In the present case the predecessor-in-interest of the petitioner was not deemed tenant as per the tenants' ledger submitted by the ex-intermediary. Therefore, the decision in the case of Jagannath Nanda (supra) is not applicable to the present case where the application of the intermediary was considered. 7. This Court while deciding the case of Gunduchi Bijaya Barik and others v. State of Odisha and others reported in 2008 (2) CLR 158 has not taken into consideration the decisions of the Supreme Court as well as the decision of the Full Bench of this Court and only taken into consideration the decision in the case of Smt. Basanti Kumar Sahu v. State of Odisha and others reported in 1992 (1) OLR 41 : 73 (1992) CLT 868, which was subsequently remanded by the Supreme Court in Civil Appeal No.118 of 1995 arising out of S.L.P. (C) No.10014 of 1992 decided on 23.1.1995 reported in 1995 (1) O.L.R. (S.C.) 587 with a direction that the High Court should proceed to decide the matter on merits on the promise that the Board of Revenue had exercised the right of jurisdiction under Section 38-B of the Act. On remand the Full Bench of this Court taking into consideration the ratio decided In the case of State of Odisha and others v. Brundaban Sharma and another (supra) disposed of O.J.C. No.1722 of 1981 on 22.11.1996 (see 81(1996) CLT 571 (F.B.) holding that the Board of Revenue either on its own motion or on a report from the Collector, may call for and examine the record of any proceeding in which any authority subordinate to the Board has made any decision or passed an order under the Act to satisfy itself as to the regularity of such proceeding or to the correctness, legality or propriety of such decision or proceeding or order, and if in any case it appears to the Board that such a decision is not correct or is illegal or improper, it has been empowered to modify, annual, reverse or remit the case to the authority for decision according to law.
Therefore, the decision of the O.E.A. Collector is assailable under Section 38-B of the Act and the decision rendered by this Court in the case of Gunduchi Bijaya Barik and others v. State of Odisha and others reported in 2008 (2) CLR 158 is per incuriam as the said decision has not taken into consideration the decisions of the Apex Court as well as by this Court. 8. In view of the above settled position of law there is no scope for the tenant to file an application under Section 8 (1) of the Act which is a deeming provision.

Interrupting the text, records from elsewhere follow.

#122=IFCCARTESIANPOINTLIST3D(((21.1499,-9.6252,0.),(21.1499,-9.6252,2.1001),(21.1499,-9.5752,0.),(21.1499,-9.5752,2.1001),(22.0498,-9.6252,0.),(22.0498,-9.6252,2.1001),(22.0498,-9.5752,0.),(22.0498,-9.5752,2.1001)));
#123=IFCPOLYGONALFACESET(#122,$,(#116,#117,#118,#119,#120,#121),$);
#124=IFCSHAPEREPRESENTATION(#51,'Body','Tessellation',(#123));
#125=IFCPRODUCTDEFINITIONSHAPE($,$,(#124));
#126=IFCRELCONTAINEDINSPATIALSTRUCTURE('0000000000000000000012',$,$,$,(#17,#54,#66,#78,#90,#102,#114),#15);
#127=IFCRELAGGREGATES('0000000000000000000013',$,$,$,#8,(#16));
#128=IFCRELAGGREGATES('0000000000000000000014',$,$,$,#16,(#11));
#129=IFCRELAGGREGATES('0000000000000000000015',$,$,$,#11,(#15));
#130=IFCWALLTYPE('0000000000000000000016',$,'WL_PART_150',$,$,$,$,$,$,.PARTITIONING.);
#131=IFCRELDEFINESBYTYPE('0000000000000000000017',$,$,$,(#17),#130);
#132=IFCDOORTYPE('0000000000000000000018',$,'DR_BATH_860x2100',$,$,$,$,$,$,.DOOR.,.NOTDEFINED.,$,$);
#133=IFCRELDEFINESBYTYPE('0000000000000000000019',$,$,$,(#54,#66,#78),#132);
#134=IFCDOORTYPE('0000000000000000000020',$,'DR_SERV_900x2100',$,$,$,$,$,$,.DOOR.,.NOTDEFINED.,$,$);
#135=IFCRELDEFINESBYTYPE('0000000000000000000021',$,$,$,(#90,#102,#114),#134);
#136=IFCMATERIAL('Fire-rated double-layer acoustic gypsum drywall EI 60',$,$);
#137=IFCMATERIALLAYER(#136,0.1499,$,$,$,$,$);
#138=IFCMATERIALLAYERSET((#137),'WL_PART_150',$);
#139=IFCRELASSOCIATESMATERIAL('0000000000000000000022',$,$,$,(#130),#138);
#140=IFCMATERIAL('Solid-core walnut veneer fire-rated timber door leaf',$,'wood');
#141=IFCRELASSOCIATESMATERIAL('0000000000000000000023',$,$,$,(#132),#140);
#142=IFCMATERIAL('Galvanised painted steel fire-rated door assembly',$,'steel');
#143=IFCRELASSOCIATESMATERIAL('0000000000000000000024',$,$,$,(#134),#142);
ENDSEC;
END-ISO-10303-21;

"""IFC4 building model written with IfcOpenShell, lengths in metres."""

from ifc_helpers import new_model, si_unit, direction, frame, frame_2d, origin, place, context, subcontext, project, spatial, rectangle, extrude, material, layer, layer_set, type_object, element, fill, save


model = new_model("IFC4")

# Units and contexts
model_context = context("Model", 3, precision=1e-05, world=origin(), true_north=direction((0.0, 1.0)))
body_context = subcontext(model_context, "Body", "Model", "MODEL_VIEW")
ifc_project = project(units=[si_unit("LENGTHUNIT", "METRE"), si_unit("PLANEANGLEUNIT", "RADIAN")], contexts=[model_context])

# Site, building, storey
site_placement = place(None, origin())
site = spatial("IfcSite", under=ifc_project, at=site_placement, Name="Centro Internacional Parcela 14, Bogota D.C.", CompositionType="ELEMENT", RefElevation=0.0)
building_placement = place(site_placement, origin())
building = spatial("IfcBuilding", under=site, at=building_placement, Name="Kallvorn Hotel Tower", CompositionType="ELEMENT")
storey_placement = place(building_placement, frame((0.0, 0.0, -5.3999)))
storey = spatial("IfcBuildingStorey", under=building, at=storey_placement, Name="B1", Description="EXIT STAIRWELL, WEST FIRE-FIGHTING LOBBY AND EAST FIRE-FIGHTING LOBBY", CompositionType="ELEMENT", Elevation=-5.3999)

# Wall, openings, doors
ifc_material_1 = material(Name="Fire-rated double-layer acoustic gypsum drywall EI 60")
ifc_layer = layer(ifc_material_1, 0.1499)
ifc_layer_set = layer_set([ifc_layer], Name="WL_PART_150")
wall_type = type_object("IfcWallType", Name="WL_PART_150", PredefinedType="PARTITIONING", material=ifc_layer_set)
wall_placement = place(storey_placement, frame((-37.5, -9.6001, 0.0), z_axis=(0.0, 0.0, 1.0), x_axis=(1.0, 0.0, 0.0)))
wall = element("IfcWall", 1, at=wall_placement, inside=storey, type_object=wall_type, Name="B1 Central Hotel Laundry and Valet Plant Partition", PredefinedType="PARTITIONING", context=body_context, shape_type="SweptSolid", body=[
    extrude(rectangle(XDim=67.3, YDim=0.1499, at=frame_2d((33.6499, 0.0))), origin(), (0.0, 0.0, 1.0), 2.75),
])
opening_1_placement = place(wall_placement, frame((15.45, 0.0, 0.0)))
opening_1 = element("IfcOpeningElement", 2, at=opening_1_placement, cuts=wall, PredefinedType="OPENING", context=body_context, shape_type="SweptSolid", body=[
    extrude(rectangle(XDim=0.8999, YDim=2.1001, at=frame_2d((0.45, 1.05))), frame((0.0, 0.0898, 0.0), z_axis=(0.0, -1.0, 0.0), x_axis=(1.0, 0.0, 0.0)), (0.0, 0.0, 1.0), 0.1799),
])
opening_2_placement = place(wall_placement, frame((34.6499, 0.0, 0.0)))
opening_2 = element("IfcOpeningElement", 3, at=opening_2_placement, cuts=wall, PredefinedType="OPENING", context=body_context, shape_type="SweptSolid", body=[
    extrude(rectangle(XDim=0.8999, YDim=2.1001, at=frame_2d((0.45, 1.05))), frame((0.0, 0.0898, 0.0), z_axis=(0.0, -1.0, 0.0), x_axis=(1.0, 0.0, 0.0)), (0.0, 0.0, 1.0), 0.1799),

Accordingly, this Court is not inclined to interfere with the impugned order as there is no error apparent on the face of the record so as to warrant interference by this Court in exercise of the jurisdiction under Article 227 of the Constitution of India." The Writ Petition along with Misc. Case is dismissed. The interim order dtd. 30.1.2009 passed by this Court in Misc. Case No.144 of 2009 stands vacated. Dr. B.R. SARANGI, J. I agree. Petition dismissed.